# PIN 14: Event-Driven Flow Execution via Listeners

Date: December 14, 2019

Author: Chris White

# Status

Paused; supersedes PIN 8.

# Context

Many use cases require event-driven Flows; for example, we might want to run an ETL-style Flow to process individual files each time one lands in an S3 bucket. Historically, we have recommended users sign up for a Scheduler account and use Prefect Cloud's API to trigger parametrized runs (e.g., using AWS Lambda). This suffers from a few drawbacks:

  • it doesn't allow users to explicitly specify that this Flow depends on an external event
  • it doesn't allow users to configure that event as a first-class hook within Prefect
  • it requires the Flow be run through Prefect Cloud

This PIN outlines a first-class implementation of event-driven workflows that will allow users to configure an EventClock that listens for events of a specified type, and passes a JSON representation of each event as a Parmeter to the Flow. This will allow for:

  • a maintained library of event-driven hooks
  • the ability to configure event-driven flows which also run on a schedule
  • an implementation that allows both Core and Cloud users to run event-driven Flows
  • the ability to toggle whether a Flow is "listening" through Prefect instead of an external service

# Proposal

The heart of the current proposal is to introduce a new EventClock (see PIN 10 for a description of the clock model) which polls to find events matching its specification. The proposal is similar in spirit to PIN 8, with a somewhat simpler implementation now that Clocks have been implemented. In addition to a new type of Clock, this proposal outlines a new listen() method on FlowRunner classes, which will become responsible for waiting for either a scheduled time or an event to take place, and will ultimately replace a large piece of the scheduling logic within flow.run().

# Core

In Core, we introduce two new APIs:

  • an EventClock which has an unimplemented next method, responsible for polling for events and collecting them in a work queue
  • an EventParameter (or a new keyword argument to Parameters) that allows users to designate a Parameter as the JSON event payload, with a default value of either None or dict()
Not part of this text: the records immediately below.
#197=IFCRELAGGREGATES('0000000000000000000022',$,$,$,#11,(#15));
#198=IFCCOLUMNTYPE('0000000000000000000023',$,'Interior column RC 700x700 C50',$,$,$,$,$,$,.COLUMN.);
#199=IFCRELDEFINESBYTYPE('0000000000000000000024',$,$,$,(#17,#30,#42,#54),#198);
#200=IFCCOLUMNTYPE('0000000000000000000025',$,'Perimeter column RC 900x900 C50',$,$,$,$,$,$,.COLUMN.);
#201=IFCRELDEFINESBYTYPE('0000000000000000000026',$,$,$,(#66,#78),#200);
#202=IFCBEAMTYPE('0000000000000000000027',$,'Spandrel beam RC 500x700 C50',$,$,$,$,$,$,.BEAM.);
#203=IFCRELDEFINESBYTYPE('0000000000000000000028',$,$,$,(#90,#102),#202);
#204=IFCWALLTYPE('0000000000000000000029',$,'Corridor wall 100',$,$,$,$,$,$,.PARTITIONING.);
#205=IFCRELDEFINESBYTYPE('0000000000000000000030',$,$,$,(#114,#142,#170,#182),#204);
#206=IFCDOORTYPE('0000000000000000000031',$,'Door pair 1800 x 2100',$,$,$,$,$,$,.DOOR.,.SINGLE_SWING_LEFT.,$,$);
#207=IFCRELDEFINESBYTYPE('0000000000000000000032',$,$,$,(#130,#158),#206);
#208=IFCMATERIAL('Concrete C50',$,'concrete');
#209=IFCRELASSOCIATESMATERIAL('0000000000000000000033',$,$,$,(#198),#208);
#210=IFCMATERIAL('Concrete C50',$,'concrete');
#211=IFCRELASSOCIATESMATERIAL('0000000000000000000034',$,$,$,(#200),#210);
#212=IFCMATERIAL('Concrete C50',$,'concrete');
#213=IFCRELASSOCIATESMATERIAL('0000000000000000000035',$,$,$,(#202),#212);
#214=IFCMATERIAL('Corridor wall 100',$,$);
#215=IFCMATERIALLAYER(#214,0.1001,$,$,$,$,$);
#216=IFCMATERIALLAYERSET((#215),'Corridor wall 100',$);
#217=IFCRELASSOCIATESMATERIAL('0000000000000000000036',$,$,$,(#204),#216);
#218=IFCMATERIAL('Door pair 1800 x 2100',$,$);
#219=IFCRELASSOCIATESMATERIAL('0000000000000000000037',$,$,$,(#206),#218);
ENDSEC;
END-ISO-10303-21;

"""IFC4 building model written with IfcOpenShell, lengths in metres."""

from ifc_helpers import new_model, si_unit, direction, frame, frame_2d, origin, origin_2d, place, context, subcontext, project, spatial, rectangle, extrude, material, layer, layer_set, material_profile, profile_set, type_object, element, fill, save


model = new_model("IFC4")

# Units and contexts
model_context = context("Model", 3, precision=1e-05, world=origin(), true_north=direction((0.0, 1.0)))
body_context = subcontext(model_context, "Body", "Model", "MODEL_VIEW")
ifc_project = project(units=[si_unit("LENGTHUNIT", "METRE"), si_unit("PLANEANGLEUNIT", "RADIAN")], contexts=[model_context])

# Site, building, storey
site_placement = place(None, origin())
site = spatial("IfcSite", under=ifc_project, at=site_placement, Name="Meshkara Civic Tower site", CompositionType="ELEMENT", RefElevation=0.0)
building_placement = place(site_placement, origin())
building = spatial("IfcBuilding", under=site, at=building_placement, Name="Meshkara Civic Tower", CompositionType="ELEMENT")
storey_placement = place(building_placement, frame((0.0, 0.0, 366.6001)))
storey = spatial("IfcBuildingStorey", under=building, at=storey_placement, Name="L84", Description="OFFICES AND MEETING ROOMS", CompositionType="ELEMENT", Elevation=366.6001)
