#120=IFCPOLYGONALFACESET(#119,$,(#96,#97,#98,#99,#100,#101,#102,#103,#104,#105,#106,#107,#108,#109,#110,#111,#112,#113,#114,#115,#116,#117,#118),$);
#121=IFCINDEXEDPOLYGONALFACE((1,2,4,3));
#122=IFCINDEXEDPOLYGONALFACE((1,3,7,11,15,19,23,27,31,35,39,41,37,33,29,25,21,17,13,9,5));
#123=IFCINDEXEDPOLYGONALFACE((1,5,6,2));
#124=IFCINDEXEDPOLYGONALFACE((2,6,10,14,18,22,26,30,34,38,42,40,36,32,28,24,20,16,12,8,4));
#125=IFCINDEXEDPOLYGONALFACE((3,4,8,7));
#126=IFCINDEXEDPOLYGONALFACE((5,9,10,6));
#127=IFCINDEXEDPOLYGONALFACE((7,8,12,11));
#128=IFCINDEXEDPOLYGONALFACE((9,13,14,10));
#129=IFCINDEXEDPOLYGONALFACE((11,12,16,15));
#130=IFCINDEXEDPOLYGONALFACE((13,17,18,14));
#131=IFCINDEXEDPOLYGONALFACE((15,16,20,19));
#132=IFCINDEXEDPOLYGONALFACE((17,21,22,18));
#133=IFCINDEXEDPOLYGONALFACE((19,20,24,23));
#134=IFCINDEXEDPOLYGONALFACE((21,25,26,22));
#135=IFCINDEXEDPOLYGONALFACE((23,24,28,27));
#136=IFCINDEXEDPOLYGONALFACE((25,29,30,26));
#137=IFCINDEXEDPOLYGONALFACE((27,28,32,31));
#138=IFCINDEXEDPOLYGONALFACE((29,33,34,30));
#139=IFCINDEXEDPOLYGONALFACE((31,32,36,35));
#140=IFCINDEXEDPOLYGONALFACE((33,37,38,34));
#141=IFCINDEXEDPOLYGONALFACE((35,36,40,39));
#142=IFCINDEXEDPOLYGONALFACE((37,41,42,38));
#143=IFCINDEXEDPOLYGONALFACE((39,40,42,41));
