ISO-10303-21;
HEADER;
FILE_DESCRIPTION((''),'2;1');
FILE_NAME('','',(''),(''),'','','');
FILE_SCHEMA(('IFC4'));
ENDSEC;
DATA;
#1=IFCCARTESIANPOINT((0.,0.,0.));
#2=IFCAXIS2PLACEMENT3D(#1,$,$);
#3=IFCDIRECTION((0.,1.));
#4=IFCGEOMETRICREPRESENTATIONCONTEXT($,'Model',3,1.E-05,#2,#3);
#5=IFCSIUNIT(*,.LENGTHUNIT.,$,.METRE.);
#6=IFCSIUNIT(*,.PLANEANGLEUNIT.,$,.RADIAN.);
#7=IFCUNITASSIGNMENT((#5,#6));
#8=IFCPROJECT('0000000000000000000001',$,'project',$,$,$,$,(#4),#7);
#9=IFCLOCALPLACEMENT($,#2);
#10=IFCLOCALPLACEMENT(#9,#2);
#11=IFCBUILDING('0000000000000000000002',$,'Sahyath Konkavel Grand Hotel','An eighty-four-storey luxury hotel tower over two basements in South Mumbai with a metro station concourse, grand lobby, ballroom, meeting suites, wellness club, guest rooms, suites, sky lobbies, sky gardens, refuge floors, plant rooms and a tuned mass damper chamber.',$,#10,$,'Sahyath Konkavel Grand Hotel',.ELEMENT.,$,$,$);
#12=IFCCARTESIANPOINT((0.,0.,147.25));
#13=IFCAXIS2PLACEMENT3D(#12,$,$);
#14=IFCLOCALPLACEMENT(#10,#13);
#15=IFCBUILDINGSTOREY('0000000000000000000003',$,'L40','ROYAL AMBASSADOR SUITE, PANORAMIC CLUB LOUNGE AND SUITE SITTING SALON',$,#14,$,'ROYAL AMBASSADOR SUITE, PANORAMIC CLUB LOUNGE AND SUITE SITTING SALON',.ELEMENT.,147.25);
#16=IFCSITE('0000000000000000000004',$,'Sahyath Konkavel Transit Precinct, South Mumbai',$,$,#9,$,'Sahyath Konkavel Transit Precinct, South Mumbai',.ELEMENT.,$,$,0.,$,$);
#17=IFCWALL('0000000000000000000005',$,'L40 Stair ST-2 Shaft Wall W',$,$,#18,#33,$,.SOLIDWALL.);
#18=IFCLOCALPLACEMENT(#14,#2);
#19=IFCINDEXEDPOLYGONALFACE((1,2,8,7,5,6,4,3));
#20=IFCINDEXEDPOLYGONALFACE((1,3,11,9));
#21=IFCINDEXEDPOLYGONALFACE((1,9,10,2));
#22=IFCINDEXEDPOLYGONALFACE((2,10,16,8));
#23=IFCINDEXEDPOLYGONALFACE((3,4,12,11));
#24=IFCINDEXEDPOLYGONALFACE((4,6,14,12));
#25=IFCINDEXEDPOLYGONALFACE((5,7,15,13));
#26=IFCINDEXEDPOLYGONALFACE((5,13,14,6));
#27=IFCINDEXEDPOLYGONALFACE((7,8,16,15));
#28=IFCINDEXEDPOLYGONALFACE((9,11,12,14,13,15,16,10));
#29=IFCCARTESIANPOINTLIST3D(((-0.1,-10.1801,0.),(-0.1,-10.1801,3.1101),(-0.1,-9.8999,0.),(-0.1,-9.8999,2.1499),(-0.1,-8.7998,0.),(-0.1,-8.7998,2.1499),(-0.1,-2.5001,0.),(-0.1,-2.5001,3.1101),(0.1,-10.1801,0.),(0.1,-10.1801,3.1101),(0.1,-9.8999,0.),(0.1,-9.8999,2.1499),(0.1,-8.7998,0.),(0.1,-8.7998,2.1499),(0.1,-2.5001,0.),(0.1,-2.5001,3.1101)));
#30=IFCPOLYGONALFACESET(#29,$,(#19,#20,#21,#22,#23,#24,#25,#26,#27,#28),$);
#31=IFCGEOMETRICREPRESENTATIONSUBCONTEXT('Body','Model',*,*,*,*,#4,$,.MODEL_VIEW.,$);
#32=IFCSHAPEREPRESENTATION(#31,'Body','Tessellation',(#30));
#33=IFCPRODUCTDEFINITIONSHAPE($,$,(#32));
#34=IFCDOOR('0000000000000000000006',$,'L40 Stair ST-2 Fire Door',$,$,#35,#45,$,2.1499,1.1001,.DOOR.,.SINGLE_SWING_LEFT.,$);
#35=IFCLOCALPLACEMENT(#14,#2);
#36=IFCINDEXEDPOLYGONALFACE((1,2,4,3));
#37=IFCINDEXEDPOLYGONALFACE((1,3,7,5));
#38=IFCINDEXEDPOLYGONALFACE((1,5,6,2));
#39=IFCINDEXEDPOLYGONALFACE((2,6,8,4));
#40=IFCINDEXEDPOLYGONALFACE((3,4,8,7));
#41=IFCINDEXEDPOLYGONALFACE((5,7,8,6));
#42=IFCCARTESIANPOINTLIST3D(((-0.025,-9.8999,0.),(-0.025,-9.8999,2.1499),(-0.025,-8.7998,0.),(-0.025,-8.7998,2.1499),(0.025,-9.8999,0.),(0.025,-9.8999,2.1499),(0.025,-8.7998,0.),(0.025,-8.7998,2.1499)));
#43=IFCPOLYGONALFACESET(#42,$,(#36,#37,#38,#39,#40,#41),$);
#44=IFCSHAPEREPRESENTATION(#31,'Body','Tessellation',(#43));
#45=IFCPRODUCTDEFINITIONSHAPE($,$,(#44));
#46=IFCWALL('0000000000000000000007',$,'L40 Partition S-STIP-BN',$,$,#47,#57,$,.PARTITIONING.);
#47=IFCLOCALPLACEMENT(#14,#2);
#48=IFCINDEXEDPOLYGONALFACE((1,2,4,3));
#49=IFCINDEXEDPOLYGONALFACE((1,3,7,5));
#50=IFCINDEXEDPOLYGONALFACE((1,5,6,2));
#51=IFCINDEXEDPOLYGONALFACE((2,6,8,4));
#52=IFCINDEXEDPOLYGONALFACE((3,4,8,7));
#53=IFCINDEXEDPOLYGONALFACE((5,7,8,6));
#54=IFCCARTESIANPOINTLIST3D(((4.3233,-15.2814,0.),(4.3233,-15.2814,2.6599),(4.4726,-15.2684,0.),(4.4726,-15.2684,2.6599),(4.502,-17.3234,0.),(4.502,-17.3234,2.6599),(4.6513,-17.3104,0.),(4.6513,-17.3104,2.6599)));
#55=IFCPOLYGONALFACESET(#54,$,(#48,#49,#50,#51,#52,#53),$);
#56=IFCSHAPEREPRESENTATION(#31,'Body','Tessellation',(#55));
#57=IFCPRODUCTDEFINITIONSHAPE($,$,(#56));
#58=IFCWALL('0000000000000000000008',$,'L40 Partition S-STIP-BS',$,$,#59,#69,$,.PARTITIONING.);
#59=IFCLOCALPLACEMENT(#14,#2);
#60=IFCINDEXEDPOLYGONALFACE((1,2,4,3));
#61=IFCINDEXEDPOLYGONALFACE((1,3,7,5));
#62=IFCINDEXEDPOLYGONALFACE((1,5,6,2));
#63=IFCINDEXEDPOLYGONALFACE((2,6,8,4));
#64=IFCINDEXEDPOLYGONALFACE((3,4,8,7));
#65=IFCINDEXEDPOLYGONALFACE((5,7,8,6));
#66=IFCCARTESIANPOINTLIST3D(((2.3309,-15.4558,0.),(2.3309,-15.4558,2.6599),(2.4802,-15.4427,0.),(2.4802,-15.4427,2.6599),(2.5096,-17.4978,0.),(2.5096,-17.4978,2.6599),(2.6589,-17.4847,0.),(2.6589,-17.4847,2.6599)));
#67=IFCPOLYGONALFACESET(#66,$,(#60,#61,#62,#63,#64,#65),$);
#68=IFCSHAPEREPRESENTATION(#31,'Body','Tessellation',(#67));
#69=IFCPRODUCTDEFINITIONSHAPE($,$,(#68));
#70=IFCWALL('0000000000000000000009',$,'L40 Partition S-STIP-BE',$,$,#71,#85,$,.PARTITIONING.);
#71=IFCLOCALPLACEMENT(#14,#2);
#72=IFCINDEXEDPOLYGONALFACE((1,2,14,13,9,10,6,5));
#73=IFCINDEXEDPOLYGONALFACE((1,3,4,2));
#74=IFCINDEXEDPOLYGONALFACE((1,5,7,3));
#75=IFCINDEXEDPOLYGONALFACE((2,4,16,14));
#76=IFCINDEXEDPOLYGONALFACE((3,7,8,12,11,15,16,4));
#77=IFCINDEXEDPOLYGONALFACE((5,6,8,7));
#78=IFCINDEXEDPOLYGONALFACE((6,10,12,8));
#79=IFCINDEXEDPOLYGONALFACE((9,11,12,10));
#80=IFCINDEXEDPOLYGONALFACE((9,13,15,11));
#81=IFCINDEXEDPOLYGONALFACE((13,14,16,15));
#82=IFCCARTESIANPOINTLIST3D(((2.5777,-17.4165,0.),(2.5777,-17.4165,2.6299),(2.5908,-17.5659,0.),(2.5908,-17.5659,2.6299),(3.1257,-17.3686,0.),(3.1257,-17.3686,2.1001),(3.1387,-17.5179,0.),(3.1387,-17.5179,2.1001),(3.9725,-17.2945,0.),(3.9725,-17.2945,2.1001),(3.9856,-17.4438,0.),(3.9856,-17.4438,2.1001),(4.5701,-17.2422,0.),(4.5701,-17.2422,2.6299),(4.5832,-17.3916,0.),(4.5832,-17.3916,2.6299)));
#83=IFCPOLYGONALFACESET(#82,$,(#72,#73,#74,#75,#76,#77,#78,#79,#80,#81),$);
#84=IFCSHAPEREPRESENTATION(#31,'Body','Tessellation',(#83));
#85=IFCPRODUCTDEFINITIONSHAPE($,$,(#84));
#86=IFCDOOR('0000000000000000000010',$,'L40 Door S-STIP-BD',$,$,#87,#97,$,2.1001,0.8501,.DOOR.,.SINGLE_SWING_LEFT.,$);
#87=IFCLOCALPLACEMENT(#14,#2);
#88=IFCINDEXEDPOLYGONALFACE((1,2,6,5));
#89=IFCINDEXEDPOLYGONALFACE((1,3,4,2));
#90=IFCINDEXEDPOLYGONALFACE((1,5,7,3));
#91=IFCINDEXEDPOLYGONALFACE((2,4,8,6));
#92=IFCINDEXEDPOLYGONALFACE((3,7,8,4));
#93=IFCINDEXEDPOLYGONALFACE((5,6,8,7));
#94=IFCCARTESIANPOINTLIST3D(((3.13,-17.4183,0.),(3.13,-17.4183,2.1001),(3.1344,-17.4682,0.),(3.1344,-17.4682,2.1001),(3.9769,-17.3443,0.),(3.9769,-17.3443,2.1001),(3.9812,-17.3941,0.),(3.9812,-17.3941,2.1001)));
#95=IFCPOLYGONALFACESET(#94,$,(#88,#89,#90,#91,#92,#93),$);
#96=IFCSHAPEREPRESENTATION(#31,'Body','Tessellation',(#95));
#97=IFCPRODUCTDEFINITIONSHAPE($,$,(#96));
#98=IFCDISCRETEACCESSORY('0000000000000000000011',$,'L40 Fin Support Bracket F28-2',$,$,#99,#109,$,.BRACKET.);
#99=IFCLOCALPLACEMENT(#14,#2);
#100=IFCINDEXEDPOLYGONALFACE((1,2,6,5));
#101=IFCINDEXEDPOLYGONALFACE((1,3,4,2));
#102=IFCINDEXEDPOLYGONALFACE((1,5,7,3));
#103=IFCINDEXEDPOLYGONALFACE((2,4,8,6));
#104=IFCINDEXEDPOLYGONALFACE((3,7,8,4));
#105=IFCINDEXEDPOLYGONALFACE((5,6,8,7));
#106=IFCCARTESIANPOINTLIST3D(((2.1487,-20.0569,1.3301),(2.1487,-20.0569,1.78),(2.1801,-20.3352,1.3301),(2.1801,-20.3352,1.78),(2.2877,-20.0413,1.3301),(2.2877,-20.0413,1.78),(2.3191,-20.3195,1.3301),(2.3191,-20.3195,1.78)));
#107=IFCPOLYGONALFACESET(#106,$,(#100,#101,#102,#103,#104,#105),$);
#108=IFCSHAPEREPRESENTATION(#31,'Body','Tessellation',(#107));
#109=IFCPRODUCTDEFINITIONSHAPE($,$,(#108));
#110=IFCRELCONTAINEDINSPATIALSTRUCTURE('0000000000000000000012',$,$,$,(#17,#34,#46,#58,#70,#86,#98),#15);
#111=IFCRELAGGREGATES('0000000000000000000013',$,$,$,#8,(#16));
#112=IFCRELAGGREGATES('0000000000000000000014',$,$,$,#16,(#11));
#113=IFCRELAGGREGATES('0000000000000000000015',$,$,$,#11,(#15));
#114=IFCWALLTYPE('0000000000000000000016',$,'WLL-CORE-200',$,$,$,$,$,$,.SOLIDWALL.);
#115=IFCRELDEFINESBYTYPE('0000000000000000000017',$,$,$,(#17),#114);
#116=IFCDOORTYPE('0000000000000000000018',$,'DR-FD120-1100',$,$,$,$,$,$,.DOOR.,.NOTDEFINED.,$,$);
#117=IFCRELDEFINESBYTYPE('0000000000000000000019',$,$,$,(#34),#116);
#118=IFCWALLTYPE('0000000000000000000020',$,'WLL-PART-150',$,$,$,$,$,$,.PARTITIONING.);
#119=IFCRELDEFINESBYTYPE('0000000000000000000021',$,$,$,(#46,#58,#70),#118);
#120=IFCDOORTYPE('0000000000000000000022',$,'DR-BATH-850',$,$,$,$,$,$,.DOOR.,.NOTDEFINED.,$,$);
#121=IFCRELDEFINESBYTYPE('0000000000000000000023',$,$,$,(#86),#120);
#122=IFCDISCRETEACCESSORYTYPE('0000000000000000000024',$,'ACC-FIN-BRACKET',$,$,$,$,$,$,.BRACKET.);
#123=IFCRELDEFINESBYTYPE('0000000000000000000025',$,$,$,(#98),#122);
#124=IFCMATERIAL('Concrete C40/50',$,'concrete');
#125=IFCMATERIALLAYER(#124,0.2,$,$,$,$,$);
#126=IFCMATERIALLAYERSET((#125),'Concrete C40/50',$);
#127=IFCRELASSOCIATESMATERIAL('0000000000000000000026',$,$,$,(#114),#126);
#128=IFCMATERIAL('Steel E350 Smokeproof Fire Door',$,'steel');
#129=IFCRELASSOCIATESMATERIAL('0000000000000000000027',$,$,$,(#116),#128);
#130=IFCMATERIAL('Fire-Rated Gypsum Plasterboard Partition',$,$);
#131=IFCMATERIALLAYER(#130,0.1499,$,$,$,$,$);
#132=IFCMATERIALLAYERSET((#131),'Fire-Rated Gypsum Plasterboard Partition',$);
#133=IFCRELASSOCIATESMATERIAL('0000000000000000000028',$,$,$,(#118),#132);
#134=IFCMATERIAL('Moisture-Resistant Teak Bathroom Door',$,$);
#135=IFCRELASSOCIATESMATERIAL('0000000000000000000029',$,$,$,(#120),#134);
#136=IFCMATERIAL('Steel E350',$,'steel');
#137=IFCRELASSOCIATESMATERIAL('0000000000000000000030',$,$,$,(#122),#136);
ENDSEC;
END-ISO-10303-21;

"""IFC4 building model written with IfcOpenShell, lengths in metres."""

from ifc_helpers import new_model, si_unit, direction, frame, frame_2d, origin, origin_2d, place, context, subcontext, project, spatial, rectangle, extrude, source, transform, mapped, material, layer, layer_set, type_object, element, fill, save


model = new_model("IFC4")

# Units and contexts
model_context = context("Model", 3, precision=1e-05, world=origin(), true_north=direction((0.0, 1.0)))
body_context = subcontext(model_context, "Body", "Model", "MODEL_VIEW")
ifc_project = project(units=[si_unit("LENGTHUNIT", "METRE"), si_unit("PLANEANGLEUNIT", "RADIAN")], contexts=[model_context])

# Site, building, storey
site_placement = place(None, origin())
site = spatial("IfcSite", under=ifc_project, at=site_placement, Name="Sahyath Konkavel Transit Precinct, South Mumbai", LongName="Sahyath Konkavel Transit Precinct, South Mumbai", CompositionType="ELEMENT", RefElevation=0.0)
building_placement = place(site_placement, origin())
building = spatial("IfcBuilding", under=site, at=building_placement, Name="Sahyath Konkavel Grand Hotel", Description="An eighty-four-storey luxury hotel tower over two basements in South Mumbai with a metro station concourse, grand lobby, ballroom, meeting suites, wellness club, guest rooms, suites, sky lobbies, sky gardens, refuge floors, plant rooms and a tuned mass damper chamber.", LongName="Sahyath Konkavel Grand Hotel", CompositionType="ELEMENT")
storey_placement = place(building_placement, frame((0.0, 0.0, 147.25)))
storey = spatial("IfcBuildingStorey", under=building, at=storey_placement, Name="L40", Description="ROYAL AMBASSADOR SUITE, PANORAMIC CLUB LOUNGE AND SUITE SITTING SALON", LongName="ROYAL AMBASSADOR SUITE, PANORAMIC CLUB LOUNGE AND SUITE SITTING SALON", CompositionType="ELEMENT", Elevation=147.25)

# Shared definitions
ifc_material_1 = material(Name="Concrete C40/50", Category="concrete")

# Shared definitions
ifc_material_2 = material(Name="Steel E350", Category="steel")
Subclasses of this EventClock can then be used to construct an appropriate Schedule for the Flow (possibly with other time-driven clocks!), and flow.run will essentially work with minimal change. The only additional piece of information that needs to be conveyed is the value for the designated event parameter, and this can be achieved through one additional call (maybe flow.retrieve_event() which then extracts the event from the EventClock) and then placing the result into Prefect context.

In addition, a new listen method on FlowRunner classes will be responsible for calling the schedule and configuring context for each run. Much of the current scheduling logic in flow.run() should be replaceable by this new method on the FlowRunner class.

# Cloud

There are a few proposed changes that will also require changes to Prefect Cloud:

  • any subclass of the EventClock will be deserialized as the base EventClock class, which returns an empty list for next
  • users will be responsible for starting and stopping the listening by creating / cancelling a given Flow run
  • once created, an appropriate agent will pick up the flow run and submit it for "execution" (in this case, submit it to listen); we might need to introduce a new pre-listening state so that the Agent knows this is a listener and not a normal flow run
  • During this execution, the Flow run will enter a Listening state and CloudFlowRunner.listen() will be used to poll for events; anytime an event is found, it will be used to call the Cloud API and create a new parametrized flow run with the appropriate event parameter payload
  • while polling, or through a standard heartbeat thread, if a Flow run is found to be in a Listening state but hasn't sent a heartbeat, the Lazarus process will revive it
  • to prevent duplicate processing runs, we will also need to use some form of "event ID" as the idempotency key for the run

# Consequences

First and foremost, this will allow us to create and maintain a curated list of event-based hooks for Prefect Flows. Additionally, if we enforce a "null"-like default vaule for event parameters, scheduled batch and cleanup jobs can still occur while the flow is listening for events. Moreover, both Core and Cloud users will be able to benefit from the functionality as proposed above.